Did some ZZ solves to see if it was actually that good. Block building is a nightmare. My only experience of doing block-building is from FMC, and there is no time pressure there.


----------



## ruffleduck (Jun 28, 2021)

the dnf master said:


> Did some ZZ solves to see if it was actually that good. Block building is a nightmare. My only experience of doing block-building is from FMC, and there is no time pressure there.


Try EOcross. That's what most ZZ users use nowadays.


----------



## Waffles (Jun 28, 2021)

zzoomer said:


> Try EOcross. That's what most ZZ users use nowadays.



Yeah, agreed it’s much better.
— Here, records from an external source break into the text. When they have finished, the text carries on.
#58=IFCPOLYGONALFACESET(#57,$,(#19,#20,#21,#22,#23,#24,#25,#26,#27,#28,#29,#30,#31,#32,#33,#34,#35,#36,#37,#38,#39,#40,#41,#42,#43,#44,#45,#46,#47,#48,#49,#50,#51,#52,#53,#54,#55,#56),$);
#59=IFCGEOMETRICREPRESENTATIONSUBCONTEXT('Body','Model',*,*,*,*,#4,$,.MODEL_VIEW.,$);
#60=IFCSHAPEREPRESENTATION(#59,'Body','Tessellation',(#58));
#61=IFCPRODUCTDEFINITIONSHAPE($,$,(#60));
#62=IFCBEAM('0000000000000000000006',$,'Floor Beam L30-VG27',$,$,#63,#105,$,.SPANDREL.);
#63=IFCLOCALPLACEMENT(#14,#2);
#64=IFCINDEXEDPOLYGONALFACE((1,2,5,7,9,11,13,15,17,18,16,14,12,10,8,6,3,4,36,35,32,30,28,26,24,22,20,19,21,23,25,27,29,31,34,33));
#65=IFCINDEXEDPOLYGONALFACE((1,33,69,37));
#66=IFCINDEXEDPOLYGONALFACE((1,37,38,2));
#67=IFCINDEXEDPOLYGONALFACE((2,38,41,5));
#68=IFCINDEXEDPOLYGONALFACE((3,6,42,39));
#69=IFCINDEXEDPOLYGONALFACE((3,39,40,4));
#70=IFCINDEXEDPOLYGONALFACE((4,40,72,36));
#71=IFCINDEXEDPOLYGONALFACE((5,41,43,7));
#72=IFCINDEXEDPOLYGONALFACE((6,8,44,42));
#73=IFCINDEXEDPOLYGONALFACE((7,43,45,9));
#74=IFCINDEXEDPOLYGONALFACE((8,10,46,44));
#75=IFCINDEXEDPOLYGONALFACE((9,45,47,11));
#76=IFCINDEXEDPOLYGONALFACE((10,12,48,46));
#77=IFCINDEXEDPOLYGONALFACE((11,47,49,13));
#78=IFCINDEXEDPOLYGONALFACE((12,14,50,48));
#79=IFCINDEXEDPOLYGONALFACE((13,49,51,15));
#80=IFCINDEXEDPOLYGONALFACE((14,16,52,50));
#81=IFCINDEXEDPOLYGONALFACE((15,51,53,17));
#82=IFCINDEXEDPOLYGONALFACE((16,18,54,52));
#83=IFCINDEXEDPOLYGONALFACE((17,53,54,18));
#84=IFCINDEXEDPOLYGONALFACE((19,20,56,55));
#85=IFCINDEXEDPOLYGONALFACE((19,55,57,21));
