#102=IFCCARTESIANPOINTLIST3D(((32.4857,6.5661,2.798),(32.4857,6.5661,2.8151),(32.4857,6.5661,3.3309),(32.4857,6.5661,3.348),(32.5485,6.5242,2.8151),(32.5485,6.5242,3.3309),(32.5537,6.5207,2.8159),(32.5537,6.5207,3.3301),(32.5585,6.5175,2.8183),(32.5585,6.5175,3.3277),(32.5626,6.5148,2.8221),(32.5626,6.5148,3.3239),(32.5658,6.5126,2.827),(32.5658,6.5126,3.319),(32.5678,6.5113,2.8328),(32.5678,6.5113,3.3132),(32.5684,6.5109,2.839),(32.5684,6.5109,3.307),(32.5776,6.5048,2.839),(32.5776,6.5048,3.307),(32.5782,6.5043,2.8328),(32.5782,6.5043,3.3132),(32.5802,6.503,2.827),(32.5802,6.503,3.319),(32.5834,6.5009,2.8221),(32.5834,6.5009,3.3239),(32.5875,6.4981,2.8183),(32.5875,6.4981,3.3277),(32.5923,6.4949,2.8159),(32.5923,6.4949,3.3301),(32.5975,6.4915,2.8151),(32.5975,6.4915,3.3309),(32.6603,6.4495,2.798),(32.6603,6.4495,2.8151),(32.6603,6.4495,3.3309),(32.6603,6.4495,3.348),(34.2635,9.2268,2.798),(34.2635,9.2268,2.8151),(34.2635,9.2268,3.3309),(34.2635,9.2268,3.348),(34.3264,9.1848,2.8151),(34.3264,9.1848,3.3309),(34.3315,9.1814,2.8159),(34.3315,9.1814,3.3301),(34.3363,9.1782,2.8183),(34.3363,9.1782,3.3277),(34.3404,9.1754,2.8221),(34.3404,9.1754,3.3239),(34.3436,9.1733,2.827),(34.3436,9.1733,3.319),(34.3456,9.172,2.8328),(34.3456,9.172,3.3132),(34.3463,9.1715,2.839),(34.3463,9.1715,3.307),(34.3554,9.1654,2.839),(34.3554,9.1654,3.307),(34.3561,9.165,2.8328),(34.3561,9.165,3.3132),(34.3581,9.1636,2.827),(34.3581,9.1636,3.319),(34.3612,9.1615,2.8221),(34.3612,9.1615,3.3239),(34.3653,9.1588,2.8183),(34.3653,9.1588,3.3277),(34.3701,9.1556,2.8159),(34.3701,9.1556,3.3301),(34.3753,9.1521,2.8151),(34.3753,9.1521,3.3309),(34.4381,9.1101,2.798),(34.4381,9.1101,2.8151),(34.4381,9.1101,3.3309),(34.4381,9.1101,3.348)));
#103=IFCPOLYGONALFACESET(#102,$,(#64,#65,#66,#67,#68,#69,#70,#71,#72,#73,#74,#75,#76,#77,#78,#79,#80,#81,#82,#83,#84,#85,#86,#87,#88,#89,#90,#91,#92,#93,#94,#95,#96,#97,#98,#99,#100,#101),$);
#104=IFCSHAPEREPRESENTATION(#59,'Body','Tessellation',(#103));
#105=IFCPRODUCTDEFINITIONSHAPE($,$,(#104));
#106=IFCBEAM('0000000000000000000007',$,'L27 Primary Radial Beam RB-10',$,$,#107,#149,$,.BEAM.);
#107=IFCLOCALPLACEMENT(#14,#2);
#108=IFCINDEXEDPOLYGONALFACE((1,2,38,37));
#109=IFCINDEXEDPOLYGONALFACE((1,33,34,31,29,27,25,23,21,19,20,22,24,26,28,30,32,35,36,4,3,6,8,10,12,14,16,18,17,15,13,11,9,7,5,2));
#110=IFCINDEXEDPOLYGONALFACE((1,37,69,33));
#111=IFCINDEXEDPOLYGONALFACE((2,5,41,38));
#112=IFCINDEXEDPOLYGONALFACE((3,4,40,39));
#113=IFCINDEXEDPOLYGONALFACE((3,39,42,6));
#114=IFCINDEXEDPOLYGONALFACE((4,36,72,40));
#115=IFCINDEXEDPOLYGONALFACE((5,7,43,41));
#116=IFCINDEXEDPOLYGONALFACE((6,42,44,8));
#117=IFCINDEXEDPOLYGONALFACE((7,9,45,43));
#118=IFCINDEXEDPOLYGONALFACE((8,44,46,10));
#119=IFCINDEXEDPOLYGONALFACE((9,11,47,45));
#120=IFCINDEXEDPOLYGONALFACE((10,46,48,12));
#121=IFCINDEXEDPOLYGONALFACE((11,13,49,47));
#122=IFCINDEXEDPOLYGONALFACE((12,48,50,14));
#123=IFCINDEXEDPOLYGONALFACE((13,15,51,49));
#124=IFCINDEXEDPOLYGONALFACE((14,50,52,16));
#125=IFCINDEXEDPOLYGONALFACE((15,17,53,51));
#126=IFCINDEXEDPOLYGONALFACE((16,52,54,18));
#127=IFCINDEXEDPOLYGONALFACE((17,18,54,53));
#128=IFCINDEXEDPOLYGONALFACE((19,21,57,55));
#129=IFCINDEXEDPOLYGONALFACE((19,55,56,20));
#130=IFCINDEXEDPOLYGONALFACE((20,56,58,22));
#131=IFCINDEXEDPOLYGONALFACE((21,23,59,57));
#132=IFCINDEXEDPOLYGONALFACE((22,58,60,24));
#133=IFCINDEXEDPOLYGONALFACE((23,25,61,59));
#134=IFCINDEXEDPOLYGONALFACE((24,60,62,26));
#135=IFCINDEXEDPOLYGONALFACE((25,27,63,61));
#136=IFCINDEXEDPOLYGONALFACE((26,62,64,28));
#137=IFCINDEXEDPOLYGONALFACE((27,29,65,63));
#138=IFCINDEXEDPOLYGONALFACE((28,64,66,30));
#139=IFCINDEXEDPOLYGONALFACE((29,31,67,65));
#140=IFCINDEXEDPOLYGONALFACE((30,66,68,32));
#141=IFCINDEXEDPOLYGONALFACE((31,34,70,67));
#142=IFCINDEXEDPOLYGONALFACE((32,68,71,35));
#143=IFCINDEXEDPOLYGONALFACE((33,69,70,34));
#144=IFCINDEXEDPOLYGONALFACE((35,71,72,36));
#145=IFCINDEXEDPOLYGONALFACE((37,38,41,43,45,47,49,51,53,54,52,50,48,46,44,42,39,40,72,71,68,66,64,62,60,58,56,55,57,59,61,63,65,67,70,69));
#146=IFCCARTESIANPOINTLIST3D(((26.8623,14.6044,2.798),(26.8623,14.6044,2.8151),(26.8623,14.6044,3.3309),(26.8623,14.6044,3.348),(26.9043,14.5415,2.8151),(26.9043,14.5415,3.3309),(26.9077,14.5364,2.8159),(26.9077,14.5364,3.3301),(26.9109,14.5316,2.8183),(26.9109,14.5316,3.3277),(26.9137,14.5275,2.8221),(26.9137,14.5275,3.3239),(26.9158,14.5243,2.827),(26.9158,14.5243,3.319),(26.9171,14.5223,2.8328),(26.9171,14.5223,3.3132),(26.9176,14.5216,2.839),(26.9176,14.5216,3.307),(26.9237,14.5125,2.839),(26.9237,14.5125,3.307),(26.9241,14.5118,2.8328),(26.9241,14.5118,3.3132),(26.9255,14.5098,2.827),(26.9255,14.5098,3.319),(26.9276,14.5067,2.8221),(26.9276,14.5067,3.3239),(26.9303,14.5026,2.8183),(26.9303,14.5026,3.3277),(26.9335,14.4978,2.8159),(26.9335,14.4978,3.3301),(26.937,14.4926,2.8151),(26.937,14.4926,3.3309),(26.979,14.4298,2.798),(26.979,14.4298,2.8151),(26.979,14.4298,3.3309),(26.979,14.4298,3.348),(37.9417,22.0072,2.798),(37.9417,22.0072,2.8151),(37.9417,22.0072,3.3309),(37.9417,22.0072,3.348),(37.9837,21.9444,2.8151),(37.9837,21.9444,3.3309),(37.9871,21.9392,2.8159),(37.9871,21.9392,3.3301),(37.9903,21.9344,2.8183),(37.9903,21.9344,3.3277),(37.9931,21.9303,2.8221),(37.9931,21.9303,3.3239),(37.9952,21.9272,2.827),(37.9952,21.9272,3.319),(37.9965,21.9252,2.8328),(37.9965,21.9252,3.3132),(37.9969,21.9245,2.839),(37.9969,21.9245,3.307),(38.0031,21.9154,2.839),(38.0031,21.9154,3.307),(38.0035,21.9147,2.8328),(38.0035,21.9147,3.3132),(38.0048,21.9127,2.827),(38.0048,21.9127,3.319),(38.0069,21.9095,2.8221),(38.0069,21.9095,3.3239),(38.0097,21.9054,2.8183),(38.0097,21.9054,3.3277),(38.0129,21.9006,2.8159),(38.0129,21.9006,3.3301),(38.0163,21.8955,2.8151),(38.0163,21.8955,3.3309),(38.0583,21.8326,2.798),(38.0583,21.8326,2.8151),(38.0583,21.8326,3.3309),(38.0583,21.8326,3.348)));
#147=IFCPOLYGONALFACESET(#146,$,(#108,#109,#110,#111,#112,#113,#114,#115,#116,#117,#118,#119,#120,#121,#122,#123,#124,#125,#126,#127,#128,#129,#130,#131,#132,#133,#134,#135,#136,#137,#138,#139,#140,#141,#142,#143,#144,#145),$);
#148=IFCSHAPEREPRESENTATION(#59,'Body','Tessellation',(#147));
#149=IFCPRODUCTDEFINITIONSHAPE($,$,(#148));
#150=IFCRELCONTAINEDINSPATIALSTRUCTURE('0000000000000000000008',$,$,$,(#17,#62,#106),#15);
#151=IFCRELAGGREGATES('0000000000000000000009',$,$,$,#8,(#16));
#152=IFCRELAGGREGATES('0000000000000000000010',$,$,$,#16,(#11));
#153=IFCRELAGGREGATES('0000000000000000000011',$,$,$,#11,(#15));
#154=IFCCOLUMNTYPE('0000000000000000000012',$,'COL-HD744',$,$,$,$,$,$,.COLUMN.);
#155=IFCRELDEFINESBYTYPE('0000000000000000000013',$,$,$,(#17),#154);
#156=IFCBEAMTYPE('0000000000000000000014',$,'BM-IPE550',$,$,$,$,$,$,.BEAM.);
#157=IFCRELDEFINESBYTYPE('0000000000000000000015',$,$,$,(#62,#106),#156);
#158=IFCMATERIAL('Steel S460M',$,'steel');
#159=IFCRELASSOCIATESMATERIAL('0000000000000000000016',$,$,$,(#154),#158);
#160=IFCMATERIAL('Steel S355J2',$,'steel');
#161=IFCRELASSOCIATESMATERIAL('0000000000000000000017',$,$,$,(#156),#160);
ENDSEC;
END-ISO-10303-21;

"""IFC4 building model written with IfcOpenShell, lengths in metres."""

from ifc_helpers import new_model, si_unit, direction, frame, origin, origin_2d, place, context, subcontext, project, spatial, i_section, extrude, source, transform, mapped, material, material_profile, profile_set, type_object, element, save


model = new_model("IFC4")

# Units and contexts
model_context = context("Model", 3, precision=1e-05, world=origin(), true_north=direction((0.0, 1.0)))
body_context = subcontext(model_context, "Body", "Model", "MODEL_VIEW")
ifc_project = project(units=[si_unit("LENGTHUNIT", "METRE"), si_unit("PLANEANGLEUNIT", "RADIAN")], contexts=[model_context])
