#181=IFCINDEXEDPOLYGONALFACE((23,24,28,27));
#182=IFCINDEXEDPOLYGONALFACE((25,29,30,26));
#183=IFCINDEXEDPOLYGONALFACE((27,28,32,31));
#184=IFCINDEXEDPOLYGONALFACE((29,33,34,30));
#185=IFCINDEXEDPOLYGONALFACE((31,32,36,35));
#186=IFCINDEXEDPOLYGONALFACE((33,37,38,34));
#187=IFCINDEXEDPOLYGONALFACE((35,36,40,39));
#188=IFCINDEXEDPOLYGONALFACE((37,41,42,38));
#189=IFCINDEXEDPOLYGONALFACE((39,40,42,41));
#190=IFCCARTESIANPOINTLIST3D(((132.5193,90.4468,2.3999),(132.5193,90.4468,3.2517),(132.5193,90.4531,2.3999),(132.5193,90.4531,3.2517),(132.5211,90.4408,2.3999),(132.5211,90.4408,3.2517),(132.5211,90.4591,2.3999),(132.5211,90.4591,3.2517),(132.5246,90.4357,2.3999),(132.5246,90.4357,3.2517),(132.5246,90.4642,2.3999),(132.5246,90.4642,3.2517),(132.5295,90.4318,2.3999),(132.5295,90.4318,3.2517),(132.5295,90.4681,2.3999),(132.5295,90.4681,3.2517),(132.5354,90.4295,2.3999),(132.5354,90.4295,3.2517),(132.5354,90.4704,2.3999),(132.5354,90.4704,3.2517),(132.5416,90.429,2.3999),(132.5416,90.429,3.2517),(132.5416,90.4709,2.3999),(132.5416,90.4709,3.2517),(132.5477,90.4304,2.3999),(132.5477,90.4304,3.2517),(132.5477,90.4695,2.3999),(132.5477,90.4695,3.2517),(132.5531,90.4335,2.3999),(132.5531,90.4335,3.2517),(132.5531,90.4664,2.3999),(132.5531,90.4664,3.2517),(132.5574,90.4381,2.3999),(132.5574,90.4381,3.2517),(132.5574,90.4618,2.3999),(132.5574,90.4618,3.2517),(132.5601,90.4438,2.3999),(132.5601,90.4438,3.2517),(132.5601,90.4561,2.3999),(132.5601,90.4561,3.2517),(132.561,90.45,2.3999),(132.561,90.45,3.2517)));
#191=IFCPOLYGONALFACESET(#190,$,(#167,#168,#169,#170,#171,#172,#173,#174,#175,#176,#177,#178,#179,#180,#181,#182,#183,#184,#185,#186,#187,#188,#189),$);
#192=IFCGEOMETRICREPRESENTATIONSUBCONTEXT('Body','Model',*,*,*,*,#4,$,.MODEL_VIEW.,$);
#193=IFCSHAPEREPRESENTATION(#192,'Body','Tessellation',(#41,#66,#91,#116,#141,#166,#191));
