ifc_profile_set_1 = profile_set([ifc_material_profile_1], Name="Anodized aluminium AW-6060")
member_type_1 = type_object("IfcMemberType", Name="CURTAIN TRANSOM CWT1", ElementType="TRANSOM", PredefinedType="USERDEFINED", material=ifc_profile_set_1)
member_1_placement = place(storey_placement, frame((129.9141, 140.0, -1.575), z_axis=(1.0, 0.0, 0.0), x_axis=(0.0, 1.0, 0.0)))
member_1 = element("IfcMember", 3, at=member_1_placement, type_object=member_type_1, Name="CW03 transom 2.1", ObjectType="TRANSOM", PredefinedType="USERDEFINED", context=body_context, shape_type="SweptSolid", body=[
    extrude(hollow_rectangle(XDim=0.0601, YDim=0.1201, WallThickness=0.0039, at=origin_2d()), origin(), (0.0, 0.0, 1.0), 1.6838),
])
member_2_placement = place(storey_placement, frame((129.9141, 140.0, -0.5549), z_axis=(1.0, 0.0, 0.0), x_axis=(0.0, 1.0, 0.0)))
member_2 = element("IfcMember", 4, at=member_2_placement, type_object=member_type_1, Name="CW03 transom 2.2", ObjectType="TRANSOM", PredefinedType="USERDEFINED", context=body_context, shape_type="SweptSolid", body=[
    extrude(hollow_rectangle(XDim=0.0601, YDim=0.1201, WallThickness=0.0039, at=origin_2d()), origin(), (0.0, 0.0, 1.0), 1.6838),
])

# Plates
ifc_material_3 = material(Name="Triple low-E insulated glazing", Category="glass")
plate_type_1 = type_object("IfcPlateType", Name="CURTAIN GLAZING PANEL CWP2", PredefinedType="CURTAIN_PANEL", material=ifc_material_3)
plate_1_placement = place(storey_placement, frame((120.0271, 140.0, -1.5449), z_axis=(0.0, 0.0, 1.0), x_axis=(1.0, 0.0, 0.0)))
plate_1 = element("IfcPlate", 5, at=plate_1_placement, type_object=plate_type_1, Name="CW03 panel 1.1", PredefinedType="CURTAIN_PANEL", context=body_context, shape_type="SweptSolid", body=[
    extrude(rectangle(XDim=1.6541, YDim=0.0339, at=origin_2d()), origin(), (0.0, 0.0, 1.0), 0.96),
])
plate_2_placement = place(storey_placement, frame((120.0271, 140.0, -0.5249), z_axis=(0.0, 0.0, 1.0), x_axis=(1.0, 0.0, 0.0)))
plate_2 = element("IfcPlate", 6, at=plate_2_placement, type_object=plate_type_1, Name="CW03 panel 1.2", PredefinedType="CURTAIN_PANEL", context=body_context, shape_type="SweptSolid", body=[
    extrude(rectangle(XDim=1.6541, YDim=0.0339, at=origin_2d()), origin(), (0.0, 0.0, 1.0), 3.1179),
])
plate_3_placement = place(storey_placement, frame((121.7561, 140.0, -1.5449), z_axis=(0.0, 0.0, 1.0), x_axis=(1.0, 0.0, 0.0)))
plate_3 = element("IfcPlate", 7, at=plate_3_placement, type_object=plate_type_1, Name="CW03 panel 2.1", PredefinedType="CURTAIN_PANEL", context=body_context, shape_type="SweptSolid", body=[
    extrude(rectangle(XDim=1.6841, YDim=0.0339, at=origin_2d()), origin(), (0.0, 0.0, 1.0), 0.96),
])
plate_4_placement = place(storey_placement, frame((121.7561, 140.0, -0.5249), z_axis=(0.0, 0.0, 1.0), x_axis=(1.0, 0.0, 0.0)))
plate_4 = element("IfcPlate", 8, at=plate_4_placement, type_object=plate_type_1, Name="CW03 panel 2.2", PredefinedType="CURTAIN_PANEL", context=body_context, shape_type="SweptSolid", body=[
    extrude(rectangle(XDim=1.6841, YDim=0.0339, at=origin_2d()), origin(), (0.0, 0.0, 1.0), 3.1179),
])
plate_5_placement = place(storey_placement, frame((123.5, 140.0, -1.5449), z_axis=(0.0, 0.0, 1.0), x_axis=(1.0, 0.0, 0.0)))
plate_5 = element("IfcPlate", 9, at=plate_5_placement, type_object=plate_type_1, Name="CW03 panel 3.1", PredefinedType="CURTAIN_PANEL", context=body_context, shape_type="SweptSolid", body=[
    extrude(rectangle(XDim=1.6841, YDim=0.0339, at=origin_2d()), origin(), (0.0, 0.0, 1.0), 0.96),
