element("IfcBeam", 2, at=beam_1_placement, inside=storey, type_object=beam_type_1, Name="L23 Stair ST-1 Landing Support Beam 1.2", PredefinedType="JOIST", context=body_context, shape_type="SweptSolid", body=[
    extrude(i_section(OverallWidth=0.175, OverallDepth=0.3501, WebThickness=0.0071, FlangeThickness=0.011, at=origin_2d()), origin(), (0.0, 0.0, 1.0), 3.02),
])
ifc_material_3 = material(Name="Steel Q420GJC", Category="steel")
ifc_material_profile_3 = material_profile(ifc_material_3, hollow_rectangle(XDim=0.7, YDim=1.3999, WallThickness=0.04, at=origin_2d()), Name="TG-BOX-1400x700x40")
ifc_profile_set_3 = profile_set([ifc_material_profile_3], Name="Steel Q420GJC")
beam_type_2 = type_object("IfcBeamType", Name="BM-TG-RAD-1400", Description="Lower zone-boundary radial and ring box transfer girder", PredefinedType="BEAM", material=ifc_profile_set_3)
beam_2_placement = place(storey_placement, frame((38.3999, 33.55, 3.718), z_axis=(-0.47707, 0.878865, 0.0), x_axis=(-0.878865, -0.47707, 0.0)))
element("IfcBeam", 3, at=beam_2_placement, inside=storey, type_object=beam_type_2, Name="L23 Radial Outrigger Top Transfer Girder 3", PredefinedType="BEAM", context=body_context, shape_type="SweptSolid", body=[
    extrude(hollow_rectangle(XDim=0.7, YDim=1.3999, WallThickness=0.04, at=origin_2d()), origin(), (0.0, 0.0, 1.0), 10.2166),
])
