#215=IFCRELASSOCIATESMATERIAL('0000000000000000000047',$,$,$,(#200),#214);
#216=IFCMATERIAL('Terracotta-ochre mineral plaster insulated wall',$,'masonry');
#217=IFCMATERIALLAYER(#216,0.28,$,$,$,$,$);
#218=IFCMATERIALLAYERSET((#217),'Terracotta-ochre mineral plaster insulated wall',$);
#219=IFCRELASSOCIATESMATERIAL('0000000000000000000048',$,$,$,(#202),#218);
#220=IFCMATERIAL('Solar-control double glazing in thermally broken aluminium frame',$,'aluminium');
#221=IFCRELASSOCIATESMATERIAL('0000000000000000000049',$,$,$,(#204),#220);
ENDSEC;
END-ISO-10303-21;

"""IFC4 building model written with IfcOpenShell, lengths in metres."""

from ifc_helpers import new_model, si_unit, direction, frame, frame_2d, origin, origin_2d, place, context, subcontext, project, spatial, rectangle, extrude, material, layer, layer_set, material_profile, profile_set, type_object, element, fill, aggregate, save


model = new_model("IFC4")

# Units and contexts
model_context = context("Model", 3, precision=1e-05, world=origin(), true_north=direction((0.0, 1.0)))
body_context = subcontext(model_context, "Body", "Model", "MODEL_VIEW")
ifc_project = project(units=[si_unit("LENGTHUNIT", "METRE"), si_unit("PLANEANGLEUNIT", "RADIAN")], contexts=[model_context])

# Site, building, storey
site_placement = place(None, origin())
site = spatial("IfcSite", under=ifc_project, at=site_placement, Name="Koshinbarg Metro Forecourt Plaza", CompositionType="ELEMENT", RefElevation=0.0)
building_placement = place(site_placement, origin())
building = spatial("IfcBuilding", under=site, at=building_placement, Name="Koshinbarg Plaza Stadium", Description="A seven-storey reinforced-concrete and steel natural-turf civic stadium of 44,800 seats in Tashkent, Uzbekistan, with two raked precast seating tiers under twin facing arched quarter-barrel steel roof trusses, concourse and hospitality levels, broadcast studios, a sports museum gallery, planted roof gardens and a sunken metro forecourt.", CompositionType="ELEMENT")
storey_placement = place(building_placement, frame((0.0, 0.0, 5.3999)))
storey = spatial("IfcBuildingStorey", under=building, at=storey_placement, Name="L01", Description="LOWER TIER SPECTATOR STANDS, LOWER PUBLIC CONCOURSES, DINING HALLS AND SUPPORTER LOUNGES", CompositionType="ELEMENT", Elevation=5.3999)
Even I find it’s better for OH cause I’m terrible at using inspection time well (but I’m trying to change that with ZZ)


----------



## the dnf master (Jun 29, 2021)

2 more olls left to learn, 18 and 19


----------



## LBr (Jun 29, 2021)

zzoomer said:


> Practice a lot. Also, don't be like me who wasted time constantly switching methods (started with yau, switched to redux, then yau, redux, yau, and ultimately settled on hoya). Choose one of the three methods then stick to it. I would suggest you use yau because it's easiest to improve with, but you should try all 3.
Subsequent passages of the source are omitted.